26.02.2015 // Diakonie-Rundgang

Ohne Sicherheitsnetz und in ständiger Angst

Wer krank ist, geht zum Arzt und wer schwer krank ist, ins Krankenhaus. Diese einfache Regel gilt nicht für alle Menschen in Dortmund.

Diakonie-Rundgang thematisiert fehlenden Krankenversicherungsschutz

Wer krank ist, geht zum Arzt und wer schwer krank ist, ins Krankenhaus. Diese einfache Regel gilt nicht für alle. Eine vierstellige Zahl von Menschen, die in Dortmund leben, haben keinen Krankenversicherungsschutz – Tendenz steigend.

Sie können nicht zum Arzt gehen, weil sie kein Geld dafür haben. Deshalb hatte die Diakonie während der Aktionswoche „arm in Arm“ zu einem Nordstadt-Rundgang eingeladen. Er führte zu Orten, die klar machten, was es heißt, um ärztliche Behandlung ringen müssen.

„Mehr als die Hälfte derer, die zu uns kommen, sind nicht krankenversichert“, sagte Johanna Smith von „Willkommen Europa“. Die Ökumenische Beratungsstelle für Zuwanderer kümmert sich um Migranten vor allem aus Osteuropa. Sicher, so Smith, würde jeder eine Notbehandlung im Krankenhaus bekommen, doch mit anschließender Rechnung. Und die könne nicht bezahlt werden.
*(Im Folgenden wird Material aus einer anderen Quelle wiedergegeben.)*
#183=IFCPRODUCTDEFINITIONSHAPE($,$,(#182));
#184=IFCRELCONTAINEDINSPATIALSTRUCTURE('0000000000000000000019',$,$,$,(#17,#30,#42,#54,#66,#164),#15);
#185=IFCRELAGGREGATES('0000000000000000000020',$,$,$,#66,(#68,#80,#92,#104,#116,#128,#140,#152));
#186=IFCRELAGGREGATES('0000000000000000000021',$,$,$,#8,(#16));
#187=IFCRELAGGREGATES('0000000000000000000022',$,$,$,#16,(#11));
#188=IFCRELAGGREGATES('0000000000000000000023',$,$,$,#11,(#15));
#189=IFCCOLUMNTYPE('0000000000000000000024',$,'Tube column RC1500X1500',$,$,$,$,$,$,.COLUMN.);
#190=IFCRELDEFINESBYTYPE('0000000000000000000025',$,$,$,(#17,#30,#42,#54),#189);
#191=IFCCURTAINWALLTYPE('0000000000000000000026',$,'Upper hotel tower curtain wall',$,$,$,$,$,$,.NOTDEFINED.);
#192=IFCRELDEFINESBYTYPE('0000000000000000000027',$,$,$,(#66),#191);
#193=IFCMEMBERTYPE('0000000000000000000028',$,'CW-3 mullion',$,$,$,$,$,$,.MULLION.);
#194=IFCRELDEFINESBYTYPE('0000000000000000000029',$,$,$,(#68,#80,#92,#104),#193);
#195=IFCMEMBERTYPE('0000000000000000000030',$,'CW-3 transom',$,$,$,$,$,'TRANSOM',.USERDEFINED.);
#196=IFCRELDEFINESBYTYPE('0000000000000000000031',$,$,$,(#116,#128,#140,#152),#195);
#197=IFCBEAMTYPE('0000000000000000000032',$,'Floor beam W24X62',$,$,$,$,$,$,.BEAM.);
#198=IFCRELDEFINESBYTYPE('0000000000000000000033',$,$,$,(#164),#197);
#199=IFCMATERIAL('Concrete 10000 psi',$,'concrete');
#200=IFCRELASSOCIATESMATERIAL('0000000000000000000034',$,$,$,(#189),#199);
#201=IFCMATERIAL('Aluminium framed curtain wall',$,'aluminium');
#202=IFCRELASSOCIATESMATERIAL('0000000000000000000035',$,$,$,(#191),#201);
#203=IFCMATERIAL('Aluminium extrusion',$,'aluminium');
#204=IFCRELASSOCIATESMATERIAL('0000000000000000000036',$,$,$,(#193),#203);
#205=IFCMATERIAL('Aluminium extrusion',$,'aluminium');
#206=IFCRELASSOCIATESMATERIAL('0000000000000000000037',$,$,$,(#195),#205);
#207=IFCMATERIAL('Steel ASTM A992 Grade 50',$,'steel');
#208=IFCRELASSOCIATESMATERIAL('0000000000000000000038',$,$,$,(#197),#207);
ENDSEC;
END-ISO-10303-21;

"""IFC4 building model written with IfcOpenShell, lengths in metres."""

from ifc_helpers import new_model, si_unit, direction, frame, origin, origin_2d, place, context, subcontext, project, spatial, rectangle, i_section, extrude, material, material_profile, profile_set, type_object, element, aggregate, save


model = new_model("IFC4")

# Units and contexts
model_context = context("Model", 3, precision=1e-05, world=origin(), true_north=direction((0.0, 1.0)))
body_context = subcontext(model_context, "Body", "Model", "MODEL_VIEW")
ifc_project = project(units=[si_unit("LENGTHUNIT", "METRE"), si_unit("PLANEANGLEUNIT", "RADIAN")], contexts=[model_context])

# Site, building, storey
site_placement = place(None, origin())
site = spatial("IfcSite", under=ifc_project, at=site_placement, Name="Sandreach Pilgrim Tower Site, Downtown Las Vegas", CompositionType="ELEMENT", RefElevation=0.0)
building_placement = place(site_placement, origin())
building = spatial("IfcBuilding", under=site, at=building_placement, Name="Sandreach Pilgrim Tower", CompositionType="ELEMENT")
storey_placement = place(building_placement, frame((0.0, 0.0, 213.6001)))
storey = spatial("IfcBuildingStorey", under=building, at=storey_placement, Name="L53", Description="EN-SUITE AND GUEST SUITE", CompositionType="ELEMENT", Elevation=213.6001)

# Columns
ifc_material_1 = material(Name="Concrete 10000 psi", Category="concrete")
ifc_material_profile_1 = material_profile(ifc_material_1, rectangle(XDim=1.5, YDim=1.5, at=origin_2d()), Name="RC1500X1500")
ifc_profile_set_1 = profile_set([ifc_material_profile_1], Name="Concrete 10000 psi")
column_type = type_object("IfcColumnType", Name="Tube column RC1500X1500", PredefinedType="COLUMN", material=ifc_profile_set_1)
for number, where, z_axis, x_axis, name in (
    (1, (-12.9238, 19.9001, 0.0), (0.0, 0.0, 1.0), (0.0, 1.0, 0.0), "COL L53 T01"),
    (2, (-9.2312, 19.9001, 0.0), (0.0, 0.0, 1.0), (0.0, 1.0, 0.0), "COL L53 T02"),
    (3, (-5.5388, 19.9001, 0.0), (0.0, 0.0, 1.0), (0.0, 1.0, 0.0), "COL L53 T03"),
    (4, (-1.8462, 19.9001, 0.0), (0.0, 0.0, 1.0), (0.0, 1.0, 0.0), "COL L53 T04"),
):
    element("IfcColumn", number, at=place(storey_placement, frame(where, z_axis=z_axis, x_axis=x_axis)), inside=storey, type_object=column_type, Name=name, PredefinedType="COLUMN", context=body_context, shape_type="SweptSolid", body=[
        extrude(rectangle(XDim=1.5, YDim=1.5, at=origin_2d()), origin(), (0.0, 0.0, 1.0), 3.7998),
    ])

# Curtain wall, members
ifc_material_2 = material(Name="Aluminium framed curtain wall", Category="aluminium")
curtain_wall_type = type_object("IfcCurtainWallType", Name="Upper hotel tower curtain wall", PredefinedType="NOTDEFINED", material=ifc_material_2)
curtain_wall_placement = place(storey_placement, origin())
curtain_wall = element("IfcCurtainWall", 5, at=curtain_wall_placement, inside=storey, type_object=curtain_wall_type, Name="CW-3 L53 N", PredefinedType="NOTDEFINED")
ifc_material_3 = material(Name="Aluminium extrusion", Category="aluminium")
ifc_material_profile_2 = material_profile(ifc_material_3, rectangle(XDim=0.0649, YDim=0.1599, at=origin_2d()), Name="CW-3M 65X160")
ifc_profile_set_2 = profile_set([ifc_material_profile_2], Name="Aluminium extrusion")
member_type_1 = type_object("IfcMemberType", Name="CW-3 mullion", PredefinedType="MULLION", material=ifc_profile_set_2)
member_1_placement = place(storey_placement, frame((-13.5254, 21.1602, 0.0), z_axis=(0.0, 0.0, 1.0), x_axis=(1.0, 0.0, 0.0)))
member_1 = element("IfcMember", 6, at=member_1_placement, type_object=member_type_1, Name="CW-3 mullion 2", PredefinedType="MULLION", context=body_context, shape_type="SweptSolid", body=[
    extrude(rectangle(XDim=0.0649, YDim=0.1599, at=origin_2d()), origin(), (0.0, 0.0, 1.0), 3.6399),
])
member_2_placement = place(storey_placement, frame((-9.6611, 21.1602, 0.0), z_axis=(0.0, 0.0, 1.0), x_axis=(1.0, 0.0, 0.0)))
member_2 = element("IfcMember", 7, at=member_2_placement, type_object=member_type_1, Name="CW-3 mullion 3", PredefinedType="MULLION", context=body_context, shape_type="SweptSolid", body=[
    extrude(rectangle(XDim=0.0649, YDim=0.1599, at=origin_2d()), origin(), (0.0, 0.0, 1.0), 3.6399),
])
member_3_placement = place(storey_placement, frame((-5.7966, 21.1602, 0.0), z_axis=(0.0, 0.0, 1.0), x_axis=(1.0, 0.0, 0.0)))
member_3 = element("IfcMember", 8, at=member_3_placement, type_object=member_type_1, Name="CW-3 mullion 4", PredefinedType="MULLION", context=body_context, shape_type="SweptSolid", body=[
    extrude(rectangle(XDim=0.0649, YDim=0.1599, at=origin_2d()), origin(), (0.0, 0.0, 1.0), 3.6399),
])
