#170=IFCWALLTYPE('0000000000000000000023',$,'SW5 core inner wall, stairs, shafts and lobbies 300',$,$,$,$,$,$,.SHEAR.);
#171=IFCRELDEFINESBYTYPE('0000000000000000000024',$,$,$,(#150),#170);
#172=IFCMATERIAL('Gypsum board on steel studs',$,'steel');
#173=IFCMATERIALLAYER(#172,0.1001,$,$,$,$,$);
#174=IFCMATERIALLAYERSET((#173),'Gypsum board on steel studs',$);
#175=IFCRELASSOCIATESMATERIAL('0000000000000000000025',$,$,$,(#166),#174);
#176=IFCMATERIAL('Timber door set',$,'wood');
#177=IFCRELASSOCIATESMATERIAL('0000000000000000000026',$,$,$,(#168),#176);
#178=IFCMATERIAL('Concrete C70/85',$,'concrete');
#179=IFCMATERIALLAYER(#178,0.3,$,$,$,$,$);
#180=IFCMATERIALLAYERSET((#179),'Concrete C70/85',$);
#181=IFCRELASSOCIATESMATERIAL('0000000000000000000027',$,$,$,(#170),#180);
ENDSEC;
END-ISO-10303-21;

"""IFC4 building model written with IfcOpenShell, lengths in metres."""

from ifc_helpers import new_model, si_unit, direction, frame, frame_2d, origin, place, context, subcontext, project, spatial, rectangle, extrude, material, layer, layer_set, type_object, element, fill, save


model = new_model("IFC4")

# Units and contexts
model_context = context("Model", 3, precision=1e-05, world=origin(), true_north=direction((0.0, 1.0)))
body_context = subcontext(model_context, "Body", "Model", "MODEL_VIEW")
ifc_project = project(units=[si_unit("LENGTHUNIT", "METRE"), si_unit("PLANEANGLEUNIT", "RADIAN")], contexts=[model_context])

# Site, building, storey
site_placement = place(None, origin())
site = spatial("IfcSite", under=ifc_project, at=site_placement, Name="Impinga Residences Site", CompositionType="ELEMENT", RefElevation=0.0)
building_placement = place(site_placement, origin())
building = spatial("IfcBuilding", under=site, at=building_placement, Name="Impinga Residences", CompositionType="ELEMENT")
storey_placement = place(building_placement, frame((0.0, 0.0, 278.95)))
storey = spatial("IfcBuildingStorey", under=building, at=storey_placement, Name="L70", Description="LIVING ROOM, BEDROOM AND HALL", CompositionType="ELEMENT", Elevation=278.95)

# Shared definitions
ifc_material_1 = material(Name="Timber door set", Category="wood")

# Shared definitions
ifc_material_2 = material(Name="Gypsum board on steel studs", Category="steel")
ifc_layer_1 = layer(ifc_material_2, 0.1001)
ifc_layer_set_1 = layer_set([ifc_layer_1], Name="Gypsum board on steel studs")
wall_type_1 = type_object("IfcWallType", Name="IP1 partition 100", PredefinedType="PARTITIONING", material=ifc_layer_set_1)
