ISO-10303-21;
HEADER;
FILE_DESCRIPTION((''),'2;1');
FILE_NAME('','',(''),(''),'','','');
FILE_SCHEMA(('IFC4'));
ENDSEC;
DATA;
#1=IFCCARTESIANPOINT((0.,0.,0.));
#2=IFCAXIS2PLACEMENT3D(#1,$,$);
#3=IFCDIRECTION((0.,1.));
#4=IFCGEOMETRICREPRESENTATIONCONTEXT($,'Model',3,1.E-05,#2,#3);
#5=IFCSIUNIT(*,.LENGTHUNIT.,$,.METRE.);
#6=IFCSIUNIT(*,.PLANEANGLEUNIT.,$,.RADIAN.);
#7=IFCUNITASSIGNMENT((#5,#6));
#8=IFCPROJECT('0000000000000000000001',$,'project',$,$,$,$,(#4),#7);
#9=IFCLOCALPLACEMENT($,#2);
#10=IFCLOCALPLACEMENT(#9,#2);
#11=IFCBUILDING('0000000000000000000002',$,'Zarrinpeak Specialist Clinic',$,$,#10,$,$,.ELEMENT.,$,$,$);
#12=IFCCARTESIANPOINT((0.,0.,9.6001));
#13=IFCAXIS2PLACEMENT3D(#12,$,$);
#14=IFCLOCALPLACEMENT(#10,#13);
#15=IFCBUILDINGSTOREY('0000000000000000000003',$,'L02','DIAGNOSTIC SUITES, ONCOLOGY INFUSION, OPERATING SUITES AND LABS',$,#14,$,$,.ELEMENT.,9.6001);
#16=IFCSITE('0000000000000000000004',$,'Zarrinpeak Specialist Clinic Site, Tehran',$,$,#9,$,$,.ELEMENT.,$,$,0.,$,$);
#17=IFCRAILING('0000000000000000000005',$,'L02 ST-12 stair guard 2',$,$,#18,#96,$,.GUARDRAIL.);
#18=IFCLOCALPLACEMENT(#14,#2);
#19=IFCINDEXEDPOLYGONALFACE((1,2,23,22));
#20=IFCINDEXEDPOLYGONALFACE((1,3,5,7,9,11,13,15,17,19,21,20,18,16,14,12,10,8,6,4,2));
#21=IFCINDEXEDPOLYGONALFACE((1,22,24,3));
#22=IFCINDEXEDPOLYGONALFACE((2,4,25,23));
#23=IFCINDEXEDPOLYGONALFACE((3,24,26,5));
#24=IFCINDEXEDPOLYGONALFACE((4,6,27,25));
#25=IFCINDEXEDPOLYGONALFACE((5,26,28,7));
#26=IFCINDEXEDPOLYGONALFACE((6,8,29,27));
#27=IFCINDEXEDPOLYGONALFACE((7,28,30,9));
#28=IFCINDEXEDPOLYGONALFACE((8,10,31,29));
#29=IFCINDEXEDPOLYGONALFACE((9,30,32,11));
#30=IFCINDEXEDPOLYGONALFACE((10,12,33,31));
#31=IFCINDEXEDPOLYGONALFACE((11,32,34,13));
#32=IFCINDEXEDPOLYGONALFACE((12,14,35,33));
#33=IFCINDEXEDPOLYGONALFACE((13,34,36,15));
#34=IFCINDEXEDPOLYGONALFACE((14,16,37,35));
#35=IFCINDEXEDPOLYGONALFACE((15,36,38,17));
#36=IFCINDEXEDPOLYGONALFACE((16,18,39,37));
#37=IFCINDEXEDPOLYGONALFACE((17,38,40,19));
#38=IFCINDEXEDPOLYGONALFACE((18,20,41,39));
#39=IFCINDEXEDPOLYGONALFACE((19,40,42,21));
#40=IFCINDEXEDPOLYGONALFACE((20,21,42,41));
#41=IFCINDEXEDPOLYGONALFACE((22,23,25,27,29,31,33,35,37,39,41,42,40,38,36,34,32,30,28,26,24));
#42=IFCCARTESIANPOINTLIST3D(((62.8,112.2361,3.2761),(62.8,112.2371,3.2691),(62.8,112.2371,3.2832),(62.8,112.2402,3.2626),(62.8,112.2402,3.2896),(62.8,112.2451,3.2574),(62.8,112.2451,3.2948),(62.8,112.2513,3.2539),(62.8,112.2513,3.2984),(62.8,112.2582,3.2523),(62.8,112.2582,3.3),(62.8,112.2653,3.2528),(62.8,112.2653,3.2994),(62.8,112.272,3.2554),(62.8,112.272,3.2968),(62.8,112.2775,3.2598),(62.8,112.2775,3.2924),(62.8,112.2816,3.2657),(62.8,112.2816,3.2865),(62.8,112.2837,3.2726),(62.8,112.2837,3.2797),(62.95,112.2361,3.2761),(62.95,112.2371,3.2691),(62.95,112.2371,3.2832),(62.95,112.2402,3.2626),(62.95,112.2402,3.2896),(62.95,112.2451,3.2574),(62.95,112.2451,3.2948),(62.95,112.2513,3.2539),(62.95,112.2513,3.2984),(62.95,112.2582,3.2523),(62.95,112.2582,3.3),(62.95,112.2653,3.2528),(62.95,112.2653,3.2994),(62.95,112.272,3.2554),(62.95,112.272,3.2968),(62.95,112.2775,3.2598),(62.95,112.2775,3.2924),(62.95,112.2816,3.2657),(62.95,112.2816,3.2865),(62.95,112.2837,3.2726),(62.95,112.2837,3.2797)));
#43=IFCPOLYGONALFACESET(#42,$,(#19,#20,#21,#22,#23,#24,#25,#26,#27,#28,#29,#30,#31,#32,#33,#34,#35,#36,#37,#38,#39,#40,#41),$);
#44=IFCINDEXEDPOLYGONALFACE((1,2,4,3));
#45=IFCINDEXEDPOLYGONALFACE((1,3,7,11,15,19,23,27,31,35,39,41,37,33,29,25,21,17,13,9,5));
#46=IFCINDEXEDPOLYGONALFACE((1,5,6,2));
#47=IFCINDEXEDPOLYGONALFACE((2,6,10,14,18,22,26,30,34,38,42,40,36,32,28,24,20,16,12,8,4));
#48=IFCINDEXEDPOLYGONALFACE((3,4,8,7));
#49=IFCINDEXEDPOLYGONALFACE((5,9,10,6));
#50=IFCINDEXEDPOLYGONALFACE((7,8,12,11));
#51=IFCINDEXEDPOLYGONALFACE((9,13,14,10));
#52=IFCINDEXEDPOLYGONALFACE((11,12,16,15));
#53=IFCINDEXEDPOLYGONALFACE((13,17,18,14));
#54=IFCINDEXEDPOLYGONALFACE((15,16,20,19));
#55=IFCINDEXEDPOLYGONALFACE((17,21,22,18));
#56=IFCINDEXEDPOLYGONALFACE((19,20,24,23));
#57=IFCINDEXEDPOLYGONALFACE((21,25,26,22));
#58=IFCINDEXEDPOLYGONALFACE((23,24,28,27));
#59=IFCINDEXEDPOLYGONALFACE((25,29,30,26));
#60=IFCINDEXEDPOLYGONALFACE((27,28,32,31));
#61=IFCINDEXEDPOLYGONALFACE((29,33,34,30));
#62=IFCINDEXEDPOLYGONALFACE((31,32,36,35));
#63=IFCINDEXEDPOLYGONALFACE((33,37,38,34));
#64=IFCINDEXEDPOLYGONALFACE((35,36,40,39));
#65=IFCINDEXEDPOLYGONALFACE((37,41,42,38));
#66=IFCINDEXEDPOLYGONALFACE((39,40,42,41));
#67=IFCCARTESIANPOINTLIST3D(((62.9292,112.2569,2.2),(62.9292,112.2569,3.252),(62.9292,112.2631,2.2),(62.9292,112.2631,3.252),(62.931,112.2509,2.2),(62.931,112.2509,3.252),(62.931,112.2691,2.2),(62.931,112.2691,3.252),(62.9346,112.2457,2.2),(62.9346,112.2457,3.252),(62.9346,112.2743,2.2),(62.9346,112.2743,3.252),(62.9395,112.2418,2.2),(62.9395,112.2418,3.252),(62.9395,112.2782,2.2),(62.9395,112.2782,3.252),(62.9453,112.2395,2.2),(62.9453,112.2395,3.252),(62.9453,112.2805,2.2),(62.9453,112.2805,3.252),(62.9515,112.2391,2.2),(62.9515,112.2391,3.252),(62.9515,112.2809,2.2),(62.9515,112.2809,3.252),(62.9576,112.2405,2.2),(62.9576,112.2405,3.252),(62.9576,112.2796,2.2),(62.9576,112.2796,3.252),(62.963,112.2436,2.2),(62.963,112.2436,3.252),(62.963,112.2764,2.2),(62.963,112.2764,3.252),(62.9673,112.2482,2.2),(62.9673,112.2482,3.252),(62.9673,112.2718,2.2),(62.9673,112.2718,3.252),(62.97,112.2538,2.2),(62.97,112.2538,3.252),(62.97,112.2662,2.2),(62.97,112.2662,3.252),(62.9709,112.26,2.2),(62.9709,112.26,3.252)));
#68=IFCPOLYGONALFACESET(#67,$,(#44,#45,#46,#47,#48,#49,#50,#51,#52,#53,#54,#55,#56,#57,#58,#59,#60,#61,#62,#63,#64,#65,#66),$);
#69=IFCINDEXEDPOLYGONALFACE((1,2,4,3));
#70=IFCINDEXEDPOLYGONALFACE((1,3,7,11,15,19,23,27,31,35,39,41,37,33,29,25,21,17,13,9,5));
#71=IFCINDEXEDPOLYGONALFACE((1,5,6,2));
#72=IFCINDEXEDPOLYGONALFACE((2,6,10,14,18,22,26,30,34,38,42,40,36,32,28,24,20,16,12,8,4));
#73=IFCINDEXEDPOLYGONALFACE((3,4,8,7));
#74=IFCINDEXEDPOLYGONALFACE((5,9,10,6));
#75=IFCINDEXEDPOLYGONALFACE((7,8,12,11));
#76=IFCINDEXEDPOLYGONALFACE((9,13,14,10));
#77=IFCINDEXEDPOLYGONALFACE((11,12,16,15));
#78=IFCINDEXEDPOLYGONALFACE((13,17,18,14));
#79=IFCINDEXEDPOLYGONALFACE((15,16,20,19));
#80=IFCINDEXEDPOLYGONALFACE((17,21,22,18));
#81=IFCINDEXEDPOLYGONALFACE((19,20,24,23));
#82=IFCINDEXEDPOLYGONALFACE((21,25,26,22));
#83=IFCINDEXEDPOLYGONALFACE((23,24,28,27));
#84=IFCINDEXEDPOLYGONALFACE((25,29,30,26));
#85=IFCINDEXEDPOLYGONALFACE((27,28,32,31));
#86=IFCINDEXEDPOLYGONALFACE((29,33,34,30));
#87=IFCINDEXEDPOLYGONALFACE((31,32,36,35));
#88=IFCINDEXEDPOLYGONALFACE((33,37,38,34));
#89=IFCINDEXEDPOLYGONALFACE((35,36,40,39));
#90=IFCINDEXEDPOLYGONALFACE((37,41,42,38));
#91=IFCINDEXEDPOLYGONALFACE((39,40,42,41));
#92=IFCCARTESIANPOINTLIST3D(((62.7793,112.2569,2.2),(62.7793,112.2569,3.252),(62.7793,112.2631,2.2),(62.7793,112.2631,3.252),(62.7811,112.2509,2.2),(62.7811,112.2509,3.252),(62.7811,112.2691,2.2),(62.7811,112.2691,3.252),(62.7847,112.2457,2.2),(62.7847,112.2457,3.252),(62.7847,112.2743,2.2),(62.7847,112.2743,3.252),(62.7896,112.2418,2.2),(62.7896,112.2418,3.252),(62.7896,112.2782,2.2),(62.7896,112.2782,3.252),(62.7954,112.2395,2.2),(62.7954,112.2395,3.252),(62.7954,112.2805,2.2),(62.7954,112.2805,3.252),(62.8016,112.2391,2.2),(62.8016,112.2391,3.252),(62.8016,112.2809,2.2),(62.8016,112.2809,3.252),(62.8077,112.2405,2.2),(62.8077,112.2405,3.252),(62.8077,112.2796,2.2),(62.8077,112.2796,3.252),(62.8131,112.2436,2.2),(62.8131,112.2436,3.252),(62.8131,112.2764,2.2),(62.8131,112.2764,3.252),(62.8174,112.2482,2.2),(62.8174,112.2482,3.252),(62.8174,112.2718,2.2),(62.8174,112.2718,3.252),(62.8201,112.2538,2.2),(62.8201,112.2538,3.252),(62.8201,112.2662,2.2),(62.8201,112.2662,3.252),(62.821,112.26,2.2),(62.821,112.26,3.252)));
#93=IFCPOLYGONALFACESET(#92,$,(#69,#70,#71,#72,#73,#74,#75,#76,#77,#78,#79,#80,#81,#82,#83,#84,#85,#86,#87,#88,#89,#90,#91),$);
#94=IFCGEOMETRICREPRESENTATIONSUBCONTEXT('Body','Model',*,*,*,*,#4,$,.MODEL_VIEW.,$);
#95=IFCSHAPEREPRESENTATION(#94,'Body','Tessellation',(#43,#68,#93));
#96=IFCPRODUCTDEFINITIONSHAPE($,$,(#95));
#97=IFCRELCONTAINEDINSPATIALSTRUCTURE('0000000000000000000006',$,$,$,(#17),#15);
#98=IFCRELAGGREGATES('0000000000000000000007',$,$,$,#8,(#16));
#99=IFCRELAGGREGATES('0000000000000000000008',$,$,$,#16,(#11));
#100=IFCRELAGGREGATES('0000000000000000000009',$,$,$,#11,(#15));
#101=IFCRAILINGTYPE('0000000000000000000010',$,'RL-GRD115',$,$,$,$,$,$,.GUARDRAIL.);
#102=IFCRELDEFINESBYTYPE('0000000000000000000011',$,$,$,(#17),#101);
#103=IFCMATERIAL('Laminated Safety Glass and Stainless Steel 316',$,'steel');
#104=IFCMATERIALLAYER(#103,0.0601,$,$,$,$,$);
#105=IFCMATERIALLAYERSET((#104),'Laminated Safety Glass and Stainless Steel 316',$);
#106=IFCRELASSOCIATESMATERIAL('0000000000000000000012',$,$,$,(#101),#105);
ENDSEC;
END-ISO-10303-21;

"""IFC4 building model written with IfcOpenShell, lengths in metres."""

from ifc_helpers import new_model, si_unit, direction, frame, origin, origin_2d, place, context, subcontext, project, spatial, circle, extrude, material, layer, layer_set, type_object, element, save


model = new_model("IFC4")

# Units and contexts
model_context = context("Model", 3, precision=1e-05, world=origin(), true_north=direction((0.0, 1.0)))
body_context = subcontext(model_context, "Body", "Model", "MODEL_VIEW")
ifc_project = project(units=[si_unit("LENGTHUNIT", "METRE"), si_unit("PLANEANGLEUNIT", "RADIAN")], contexts=[model_context])

# Site, building, storey
site_placement = place(None, origin())
site = spatial("IfcSite", under=ifc_project, at=site_placement, Name="Zarrinpeak Specialist Clinic Site, Tehran", CompositionType="ELEMENT", RefElevation=0.0)
building_placement = place(site_placement, origin())
building = spatial("IfcBuilding", under=site, at=building_placement, Name="Zarrinpeak Specialist Clinic", CompositionType="ELEMENT")
storey_placement = place(building_placement, frame((0.0, 0.0, 9.6001)))
storey = spatial("IfcBuildingStorey", under=building, at=storey_placement, Name="L02", Description="DIAGNOSTIC SUITES, ONCOLOGY INFUSION, OPERATING SUITES AND LABS", CompositionType="ELEMENT", Elevation=9.6001)

# Railing
ifc_material_1 = material(Name="Laminated Safety Glass and Stainless Steel 316", Category="steel")
ifc_layer_1 = layer(ifc_material_1, 0.0601)
ifc_layer_set_1 = layer_set([ifc_layer_1], Name="Laminated Safety Glass and Stainless Steel 316")
railing_type_1 = type_object("IfcRailingType", Name="RL-GRD115", PredefinedType="GUARDRAIL", material=ifc_layer_set_1)
railing_1_placement = place(storey_placement, frame((62.95, 112.26, 2.2)))
element("IfcRailing", 1, at=railing_1_placement, inside=storey, type_object=railing_type_1, Name="L02 ST-12 stair guard 2", PredefinedType="GUARDRAIL", context=body_context, shape_type="SweptSolid", body=[
    extrude(circle(Radius=0.0239, at=origin_2d()), frame((0.0, 0.0, 1.0762), z_axis=(-1.0, 0.0, 0.0), x_axis=(0.0, -1.0, 0.0)), (0.0, 0.0, 1.0), 0.1499),
    extrude(circle(Radius=0.021, at=origin_2d()), origin(), (0.0, 0.0, 1.0), 1.052),
    extrude(circle(Radius=0.021, at=origin_2d()), frame((-0.1499, 0.0, 0.0)), (0.0, 0.0, 1.0), 1.052),
])

save(model, "model.ifc")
Eine Geburt beispielsweise plus Versorgung für das Neugeborene koste zwischen 4.000 und 5.000 Euro. „Die Menschen, die zu  uns kommen, leben ohne Sicherheitsnetz und in ständiger Angst.“  Deshalb fordert sie die Einrichtung eines finanziellen Notfonds. Regina Adams, Fachbereichsleiterin im Diakonischen Werk, fasste es zusammen: „Armut ist ein hochgradiges Gesundheitsrisiko.“

Handfeste Hilfe leisten zwei Krankenschwestern und ein Arzt, die an zehn Orten in der Nordstadt kostenlose Sprechstunden anbieten. Dr. Jens Feigel, der „Facharzt für Nächstenliebe“, hat vor einigen Jahren seine Anstellung im Krankenhaus aufgegeben, weil er aus christlicher Motivation heraus armen Menschen helfen wollte.

Seinen Plan, in ein Land der Dritten Welt zu gehen, habe er fallen gelassen, weil es auch hier genügend Menschen gäbe, die ihn genauso dringend bräuchten: Wohnungslose, Flüchtlinge, Migranten. Er erzählte von einem Patienten mit einem Geschwür am Bein.

„Das würde man normalerweise operieren.“ Doch der notwendige Krankenhausaufenthalt koste 2.000 bis 3.000 Euro. „Das Geld hat der Patient natürlich nicht.“ Also behandelt Feigel das Bein mit Kompressen. „Das ist Armenmedizin.“

Und selbst die funktioniert nur, weil  Diakonie und Gesundheitsamt diese „Aufsuchende medizinische Krankenpflege“ finanzieren. Unterstützung bekommen sie von dem „Verein für aufsuchende medizinische Hilfen“, der sich um Sach- und Geldspenden kümmert.

„In einem der reichsten Länder der Welt bedeutet Armut, früher sterben zu müssen“, so Regina Adams. Und zwar an Krankheiten, die eigentlich gut behandelbar sind.

Foto: Stephan Schütze
Der Rundgang durch die Nordstadt während der Woche „arm in Arm“ startete in der Ökumenischen Anlaufstelle „Willkommen Europa“.